Mais avant de monter dans le train, à l’envers ou pas, il y a des rituels auxquels il faut se soumettre. Passer au relais Presse en fait partie. Je n’imagine pas un instant voyager au long cours sans quelques magazines intellectuels ou pas. Le choix des magazines qui vont accompagner le voyage, (Lui, FHM, le Monde, les Echos, pourquoi pas fluide glacial) est primordial.
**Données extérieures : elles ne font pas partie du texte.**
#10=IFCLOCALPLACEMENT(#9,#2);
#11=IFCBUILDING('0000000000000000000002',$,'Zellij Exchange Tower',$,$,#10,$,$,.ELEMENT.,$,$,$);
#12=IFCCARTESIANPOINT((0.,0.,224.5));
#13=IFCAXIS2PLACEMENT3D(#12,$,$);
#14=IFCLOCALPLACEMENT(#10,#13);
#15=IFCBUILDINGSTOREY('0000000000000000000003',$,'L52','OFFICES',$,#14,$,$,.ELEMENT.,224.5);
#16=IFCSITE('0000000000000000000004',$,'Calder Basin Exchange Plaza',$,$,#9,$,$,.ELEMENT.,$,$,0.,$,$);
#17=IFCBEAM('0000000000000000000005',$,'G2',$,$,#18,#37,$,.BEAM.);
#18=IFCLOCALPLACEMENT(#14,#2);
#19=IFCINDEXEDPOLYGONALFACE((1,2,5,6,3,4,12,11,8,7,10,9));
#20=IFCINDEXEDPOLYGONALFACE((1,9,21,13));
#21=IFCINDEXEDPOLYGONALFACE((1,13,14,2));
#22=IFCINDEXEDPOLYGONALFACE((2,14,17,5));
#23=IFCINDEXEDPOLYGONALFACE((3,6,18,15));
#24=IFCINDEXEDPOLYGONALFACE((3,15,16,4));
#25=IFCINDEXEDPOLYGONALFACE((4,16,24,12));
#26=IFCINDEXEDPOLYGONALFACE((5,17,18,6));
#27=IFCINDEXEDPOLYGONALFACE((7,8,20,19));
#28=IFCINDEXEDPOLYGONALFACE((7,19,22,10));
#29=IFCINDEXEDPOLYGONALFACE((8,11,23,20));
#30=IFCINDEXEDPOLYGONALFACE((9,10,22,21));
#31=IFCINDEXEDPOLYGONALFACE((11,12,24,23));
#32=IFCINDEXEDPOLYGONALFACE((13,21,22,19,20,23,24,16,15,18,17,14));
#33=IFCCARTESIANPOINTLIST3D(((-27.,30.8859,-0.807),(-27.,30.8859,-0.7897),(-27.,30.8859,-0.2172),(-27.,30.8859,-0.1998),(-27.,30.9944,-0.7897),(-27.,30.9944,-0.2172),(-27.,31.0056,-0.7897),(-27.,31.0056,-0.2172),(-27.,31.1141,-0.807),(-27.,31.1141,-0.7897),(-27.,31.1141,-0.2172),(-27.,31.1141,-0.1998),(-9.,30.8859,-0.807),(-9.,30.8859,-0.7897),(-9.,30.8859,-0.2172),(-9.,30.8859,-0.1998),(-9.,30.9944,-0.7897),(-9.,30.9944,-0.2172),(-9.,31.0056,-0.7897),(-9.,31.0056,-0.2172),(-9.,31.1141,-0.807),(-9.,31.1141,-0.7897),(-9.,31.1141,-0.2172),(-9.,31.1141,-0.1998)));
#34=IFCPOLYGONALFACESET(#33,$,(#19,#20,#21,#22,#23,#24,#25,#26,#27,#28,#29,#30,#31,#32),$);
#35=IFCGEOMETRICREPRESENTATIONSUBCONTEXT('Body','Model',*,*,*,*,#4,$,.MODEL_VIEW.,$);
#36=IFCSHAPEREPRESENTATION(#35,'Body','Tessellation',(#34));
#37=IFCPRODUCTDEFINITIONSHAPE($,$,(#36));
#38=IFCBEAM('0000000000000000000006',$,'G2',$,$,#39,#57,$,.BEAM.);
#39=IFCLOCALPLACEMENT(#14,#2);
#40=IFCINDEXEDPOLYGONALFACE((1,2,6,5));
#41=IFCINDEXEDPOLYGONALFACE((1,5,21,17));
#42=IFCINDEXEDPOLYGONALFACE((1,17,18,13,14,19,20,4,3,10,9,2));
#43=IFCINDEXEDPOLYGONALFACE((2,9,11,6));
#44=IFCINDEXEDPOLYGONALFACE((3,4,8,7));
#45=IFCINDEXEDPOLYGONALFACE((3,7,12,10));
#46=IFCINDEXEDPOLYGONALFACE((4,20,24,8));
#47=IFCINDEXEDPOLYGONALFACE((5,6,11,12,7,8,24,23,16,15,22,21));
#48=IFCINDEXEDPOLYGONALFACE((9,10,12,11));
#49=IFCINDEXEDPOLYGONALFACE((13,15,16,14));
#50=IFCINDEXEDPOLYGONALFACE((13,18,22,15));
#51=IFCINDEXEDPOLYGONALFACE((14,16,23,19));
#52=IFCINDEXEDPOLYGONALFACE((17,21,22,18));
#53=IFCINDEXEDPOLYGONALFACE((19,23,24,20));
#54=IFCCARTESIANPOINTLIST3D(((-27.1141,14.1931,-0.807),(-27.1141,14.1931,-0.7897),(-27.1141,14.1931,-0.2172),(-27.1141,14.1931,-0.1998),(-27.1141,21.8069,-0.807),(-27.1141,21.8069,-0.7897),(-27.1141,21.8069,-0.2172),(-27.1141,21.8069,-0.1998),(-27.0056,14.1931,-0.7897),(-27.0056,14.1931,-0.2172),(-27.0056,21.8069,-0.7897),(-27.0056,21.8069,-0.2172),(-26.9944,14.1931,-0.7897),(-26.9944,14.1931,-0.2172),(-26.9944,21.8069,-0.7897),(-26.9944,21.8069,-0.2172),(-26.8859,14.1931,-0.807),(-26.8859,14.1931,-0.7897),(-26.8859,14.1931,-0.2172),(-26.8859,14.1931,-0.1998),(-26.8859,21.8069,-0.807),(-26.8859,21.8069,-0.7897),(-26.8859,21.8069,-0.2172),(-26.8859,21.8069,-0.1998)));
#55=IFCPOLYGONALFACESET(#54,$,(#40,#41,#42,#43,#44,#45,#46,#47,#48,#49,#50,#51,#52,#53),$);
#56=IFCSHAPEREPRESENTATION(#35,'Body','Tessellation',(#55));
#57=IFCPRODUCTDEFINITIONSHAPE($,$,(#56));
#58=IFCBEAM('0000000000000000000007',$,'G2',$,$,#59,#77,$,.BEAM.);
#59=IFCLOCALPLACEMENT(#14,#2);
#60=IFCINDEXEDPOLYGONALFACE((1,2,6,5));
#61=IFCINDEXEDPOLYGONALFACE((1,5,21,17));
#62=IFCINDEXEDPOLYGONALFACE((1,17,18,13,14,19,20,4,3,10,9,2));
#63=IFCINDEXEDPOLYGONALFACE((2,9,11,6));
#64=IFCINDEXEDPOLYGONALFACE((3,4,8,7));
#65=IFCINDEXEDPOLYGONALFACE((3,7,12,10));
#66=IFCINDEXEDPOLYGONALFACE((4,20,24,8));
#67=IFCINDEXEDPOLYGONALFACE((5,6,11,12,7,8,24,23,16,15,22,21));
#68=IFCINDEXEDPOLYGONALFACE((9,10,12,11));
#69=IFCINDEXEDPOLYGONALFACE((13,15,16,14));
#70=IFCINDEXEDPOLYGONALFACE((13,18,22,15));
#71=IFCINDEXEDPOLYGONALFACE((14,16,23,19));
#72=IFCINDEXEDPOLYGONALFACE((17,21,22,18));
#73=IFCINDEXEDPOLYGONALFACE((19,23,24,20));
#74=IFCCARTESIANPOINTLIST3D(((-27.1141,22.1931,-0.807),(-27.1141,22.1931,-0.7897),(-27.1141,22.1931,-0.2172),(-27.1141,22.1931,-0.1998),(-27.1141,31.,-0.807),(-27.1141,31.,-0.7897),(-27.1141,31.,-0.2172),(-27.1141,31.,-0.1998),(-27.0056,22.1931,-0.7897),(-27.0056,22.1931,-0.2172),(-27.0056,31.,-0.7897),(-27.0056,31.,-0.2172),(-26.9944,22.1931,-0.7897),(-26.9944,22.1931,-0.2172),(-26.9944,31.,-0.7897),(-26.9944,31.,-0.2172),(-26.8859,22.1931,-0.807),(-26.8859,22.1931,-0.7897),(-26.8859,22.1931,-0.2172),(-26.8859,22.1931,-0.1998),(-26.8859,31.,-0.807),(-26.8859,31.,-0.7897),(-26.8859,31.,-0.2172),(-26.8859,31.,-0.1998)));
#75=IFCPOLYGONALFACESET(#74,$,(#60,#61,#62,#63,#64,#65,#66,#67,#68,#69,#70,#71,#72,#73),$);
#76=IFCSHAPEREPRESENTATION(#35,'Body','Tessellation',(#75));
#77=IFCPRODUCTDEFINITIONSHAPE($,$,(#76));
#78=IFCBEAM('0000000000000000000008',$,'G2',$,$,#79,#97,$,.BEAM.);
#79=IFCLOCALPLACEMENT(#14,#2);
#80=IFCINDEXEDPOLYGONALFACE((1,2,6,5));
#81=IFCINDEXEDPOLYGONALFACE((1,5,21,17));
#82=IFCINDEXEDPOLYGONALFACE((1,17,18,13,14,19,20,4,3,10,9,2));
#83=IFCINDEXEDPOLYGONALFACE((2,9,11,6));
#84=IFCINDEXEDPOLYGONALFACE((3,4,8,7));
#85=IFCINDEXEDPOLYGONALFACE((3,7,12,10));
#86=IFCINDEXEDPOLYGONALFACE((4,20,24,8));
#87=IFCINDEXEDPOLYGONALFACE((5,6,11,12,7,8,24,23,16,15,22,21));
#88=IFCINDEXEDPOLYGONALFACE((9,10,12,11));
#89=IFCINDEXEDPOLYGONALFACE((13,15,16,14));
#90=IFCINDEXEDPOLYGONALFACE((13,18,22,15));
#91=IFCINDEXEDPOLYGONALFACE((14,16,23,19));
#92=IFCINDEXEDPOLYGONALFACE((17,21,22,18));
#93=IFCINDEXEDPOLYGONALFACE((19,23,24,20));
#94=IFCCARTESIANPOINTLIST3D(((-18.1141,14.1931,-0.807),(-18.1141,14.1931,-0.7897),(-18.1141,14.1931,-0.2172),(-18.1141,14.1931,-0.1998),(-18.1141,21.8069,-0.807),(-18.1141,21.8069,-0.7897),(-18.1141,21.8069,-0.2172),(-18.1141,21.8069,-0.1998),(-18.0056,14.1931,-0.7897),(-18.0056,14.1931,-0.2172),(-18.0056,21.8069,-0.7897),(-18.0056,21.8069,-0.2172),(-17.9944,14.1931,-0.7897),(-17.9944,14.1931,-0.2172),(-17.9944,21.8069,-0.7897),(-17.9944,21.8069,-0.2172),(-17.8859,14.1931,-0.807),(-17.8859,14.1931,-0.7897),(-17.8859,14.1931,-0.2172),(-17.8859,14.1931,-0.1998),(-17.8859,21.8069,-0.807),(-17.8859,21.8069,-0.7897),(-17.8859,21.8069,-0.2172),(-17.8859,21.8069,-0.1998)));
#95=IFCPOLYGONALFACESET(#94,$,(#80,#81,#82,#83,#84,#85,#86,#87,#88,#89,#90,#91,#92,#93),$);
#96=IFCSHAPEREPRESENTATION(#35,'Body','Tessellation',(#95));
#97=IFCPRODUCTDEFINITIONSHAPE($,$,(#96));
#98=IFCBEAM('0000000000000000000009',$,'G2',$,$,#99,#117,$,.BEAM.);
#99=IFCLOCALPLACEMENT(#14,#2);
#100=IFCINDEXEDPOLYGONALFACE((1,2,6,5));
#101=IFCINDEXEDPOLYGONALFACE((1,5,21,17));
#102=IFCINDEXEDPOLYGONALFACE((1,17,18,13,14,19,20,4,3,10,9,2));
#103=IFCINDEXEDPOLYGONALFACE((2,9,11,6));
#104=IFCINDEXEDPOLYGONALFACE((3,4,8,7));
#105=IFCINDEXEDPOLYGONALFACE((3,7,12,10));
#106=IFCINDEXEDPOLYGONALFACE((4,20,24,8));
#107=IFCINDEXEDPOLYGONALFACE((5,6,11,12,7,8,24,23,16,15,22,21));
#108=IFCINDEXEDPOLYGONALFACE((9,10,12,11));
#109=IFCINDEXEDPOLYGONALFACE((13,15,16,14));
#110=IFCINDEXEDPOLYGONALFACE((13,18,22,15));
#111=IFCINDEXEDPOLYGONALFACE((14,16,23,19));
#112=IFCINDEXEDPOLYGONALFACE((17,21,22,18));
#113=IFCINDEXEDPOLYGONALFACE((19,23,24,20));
Quand je sors mes mags préférés, Lui FHM… je subis d’entrée de jeu le regard un peu traviole de la voisine d’en face, pas du tout intelligente, souriante, charmante, cultivés et pulpeux, plutôt du genre prof d’allemand à la retraite, tu vois bien le genre. Remarque, la une de FHM déchire un peu : « dragues et nouvelles technologies » ; en couverture de Lui, évidemment un symbole de la féminité nue, de dos, il s’agit de Kate Moss. En titre ce n’est pas mieux : « la prostitution des hommes » nouvelle mode, ils disent même, je cite ouvrez les guillemets : « La prostitution masculine n’est pas identitaire contrairement à celle des femmes. Cette absence de stigmatisation facilite la vie de ces « escort masculin » puisque cela ne nuit pas à leur estime d’eux-mêmes, c’est plutôt le contraire : être payés et désirés par des femmes surtout si elles sont très riches et belles, c’est plutôt valorisant ». Une vie parallèle. En plus ça rapporte du blé, tout au black, en ces temps d’apoplexie fiscale, faut voir…
C’est malin, maintenant que j’ai écrit ce texte à l’envers dans le train, j’ai envie de vomir.